Dabei sollten ERP-Lösungen für den (Online-)Handel insbesondere folgende Aspekte unterstützen:
- Funktionen zur dynamischen Verbesserung des Omnichannel-Marketings
- Prädiktive Analyse von Kundenvorgängen und Marktentwicklungen
- Skalierung des Auftragsvolumens ohne Effizienzverluste
- Senkung der Lagerkosten durch Just-in-Time-Orders und Streckengeschäfte
- Standardisierung von Vertriebs- und Logistikprozessen
- Verbesserung von Produktvorschlägen auf Basis von vergleichbarem Kaufverhalten
- Reduzierung von Doppeleingaben und damit Redundanzen
- Verbesserung der Kundenzufriedenheit und des Einkaufserlebnisses
- KI-basierte Analyse von kaufmännischen Parametern in Echtzeit.
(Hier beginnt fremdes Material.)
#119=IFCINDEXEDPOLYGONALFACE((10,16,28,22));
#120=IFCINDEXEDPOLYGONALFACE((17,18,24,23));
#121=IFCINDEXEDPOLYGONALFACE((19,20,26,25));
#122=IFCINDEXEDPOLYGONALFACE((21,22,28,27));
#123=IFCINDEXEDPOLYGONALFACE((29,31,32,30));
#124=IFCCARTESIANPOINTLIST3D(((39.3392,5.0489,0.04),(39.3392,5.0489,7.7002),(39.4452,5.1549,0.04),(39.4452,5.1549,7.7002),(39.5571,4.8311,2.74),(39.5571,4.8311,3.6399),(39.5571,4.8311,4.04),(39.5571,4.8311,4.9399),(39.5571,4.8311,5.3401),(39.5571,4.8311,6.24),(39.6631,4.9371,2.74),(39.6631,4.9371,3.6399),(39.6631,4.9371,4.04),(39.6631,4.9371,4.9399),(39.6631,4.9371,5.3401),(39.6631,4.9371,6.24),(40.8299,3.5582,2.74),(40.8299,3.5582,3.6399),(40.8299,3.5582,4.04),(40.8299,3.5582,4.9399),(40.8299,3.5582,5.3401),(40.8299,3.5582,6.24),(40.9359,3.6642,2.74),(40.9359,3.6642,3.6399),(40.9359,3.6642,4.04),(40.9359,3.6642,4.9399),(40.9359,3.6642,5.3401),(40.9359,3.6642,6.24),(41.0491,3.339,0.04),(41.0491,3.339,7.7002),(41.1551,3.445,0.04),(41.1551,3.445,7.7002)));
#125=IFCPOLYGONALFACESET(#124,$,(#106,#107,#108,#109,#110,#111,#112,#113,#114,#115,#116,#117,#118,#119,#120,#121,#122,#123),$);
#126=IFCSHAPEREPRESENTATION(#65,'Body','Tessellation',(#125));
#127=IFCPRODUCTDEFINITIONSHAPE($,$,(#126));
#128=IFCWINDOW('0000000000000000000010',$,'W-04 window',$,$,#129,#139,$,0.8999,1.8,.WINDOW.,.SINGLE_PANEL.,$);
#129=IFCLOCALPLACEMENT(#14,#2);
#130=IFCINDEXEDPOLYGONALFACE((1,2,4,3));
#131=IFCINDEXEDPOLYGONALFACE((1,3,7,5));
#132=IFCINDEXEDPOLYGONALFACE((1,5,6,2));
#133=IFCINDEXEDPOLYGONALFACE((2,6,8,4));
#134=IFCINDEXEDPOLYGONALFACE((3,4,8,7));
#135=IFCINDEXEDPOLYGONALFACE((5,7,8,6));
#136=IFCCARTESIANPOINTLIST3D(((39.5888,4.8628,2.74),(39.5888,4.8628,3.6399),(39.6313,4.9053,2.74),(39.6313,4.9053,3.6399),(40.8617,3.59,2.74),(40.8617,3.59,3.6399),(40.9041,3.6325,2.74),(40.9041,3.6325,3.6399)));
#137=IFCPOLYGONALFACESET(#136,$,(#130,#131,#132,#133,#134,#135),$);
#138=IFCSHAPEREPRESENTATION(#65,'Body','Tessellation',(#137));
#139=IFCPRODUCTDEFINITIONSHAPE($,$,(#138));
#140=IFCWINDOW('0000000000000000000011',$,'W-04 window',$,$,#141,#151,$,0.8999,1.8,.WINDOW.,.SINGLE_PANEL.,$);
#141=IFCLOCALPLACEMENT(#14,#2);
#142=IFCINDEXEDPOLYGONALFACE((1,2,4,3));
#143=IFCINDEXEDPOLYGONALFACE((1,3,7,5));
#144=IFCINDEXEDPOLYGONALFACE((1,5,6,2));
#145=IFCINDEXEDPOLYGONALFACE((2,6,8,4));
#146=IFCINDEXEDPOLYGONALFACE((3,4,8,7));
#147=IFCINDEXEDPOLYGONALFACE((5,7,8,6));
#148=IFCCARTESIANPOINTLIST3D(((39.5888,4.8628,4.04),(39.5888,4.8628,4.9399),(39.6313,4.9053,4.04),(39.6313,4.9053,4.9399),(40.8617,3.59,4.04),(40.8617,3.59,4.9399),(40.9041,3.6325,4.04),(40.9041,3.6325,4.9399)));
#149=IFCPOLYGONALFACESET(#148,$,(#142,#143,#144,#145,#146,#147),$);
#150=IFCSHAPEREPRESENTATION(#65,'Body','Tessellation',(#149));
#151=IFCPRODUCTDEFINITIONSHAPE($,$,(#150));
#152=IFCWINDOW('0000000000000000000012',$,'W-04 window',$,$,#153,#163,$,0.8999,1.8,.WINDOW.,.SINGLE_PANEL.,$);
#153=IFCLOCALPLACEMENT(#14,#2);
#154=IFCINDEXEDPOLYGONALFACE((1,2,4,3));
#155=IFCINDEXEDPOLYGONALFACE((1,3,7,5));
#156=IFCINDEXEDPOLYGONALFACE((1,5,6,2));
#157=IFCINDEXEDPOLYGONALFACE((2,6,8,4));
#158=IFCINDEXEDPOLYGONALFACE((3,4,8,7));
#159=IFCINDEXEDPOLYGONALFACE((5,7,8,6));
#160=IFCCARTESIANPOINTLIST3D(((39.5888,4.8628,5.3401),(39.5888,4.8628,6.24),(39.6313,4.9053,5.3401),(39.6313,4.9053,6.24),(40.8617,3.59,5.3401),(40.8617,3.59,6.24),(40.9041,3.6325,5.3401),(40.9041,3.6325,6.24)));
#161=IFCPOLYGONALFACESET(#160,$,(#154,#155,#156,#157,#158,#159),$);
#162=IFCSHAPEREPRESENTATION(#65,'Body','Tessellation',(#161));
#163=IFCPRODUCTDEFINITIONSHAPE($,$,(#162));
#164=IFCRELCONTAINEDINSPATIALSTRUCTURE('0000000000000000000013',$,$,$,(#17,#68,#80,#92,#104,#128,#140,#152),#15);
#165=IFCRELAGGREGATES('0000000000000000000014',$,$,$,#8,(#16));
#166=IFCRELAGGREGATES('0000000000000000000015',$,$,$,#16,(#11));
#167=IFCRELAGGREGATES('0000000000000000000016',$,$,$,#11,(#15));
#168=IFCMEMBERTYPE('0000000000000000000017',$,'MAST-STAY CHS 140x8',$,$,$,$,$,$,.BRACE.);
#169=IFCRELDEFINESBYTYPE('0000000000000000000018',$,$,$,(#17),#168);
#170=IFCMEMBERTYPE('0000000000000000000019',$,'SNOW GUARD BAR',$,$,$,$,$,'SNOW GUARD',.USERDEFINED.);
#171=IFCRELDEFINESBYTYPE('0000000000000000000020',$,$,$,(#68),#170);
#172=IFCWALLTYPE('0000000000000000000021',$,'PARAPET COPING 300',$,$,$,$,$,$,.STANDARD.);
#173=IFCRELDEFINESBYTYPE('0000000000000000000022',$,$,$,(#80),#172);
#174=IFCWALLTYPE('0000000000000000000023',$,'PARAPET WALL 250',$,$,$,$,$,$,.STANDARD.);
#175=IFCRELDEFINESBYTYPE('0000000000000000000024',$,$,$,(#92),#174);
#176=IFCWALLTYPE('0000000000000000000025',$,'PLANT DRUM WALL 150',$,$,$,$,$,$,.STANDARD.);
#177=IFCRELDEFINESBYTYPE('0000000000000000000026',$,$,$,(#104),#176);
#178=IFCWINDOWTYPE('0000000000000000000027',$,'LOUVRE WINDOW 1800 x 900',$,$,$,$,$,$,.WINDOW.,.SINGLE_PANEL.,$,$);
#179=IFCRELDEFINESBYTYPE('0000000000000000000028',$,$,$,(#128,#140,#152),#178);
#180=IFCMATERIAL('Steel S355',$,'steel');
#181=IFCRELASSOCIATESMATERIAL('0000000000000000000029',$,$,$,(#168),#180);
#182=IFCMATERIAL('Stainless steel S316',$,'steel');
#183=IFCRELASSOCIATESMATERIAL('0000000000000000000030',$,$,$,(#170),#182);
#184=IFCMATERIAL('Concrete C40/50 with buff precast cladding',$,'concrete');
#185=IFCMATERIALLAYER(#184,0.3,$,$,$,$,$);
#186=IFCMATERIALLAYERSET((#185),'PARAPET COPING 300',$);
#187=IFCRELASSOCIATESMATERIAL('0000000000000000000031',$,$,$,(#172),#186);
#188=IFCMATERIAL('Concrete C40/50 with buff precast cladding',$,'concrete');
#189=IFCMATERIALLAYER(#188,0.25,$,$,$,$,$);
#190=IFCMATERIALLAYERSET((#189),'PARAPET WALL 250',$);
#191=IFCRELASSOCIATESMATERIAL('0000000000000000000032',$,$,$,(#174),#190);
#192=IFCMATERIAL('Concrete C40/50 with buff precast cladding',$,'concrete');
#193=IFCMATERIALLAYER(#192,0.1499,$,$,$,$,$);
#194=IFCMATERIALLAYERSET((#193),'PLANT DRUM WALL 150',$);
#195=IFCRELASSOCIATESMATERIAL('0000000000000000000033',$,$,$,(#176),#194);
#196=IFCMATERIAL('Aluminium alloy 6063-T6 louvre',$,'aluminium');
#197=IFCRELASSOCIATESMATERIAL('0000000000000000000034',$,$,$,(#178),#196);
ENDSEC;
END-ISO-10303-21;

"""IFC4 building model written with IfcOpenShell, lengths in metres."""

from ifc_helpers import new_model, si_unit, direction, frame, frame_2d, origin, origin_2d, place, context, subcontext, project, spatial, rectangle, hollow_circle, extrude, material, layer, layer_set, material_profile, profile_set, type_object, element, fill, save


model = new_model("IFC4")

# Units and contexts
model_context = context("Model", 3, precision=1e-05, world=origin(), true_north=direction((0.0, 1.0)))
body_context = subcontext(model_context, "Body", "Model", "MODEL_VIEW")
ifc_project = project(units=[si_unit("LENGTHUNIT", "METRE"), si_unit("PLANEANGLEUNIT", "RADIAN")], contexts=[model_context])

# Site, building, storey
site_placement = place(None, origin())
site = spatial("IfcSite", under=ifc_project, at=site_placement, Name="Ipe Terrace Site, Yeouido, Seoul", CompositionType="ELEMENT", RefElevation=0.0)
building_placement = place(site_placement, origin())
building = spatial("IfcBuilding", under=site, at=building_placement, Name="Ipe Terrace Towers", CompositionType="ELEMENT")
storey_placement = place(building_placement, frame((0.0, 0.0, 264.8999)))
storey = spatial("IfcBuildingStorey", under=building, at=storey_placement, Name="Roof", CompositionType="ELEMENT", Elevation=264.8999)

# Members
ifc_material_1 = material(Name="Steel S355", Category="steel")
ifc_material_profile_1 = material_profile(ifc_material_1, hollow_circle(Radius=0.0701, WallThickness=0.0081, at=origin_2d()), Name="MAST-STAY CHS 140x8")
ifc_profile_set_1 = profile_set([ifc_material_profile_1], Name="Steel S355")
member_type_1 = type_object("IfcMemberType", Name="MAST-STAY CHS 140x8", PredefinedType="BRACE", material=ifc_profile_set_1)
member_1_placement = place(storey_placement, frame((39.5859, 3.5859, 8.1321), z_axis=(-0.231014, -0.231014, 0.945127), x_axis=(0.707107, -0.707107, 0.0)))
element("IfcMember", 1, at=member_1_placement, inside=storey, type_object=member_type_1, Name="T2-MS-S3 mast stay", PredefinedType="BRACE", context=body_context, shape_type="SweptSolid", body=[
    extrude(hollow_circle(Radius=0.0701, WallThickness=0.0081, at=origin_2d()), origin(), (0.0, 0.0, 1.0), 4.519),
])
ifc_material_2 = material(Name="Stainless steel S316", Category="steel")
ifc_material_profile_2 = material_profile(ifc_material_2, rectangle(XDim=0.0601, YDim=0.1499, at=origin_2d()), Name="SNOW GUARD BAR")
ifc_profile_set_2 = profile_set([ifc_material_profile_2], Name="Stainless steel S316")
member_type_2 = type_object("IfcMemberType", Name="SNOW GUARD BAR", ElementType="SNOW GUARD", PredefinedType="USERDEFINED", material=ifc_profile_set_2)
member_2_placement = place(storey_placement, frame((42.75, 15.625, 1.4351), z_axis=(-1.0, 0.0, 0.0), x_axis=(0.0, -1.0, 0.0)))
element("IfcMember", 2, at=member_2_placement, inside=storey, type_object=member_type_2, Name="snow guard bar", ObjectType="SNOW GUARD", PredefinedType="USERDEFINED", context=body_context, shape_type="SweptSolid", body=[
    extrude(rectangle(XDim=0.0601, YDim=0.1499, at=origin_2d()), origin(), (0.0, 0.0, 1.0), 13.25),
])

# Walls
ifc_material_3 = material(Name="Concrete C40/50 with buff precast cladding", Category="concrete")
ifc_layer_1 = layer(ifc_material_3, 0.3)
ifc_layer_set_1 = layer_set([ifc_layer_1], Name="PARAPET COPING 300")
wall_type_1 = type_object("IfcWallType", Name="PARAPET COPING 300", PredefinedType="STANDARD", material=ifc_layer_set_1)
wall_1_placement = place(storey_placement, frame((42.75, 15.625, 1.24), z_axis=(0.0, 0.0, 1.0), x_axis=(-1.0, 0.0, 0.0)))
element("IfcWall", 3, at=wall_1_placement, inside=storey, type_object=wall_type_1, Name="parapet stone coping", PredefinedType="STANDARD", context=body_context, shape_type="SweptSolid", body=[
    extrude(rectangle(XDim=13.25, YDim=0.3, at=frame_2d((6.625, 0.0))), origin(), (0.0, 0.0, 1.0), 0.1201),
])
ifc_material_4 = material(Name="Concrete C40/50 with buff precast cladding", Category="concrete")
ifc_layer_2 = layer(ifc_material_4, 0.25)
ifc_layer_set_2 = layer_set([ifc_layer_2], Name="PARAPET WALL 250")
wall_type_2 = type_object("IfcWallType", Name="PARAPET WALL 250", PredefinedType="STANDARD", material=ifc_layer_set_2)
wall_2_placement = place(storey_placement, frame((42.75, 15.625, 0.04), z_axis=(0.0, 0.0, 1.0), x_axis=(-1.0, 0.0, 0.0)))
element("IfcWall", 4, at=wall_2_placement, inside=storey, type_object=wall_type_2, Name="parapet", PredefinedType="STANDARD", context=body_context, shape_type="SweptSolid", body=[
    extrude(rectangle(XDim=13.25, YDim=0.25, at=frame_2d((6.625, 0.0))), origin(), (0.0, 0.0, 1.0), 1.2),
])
SoftSelect geht davon aus, dass in 2024 bereits mehr als 75% aller E-Commerce-Trades über mobile Endgeräte abgewickelt werden. Das bedeutet, dass Unternehmen ihren Kunden auf allen Geräten das gleiche Kauferlebnis bieten müssen. Das lässt erahnen, dass auch rein monolithische ERP-Ansätze den wachsenden Anforderungen nach offenen, plattformübergreifenden und flexibel erweiterbaren Anwendungslandschaften kaum mehr gerecht werden können.
Zukunft des E-Commerce
Für B2C- und B2B-Unternehmen gewinnen vor allem die Bereiche Customer Experience, kundenpersonalisierte Ansprache auf allen Ebenen, Nachhaltigkeit und Umweltbewusstsein sowie die stetige Einbindung moderner Technologien weiter an Bedeutung. Das Verständnis von E-Commerce und die Verbesserung bzw. Präzisierung von Strategien dürften sich auch in den kommenden Jahren dynamisch weiterentwickeln und zu einer synergetischen Nutzung von Erkenntnissen aus den unterschiedlichsten Bereichen führen (Finance, Marketing, Social Media, Marketing, F&E). Dank der zunehmenden KI-basierten Vorhersageinformationen werden sich die Handelsunternehmen aber mehr auf proaktive Strategien konzentrieren können, um Kundenbedürfnisse besser erkennen und erfüllen zu können – nach Möglichkeit noch bevor der Kunde sein Bedürfnis für sich identifiziert und in Aktion tritt.
Autor: Michael Gottwald, Geschäftsführer des Hamburger Marktforschungs- und IT-Beratungshauses SoftSelect GmbH.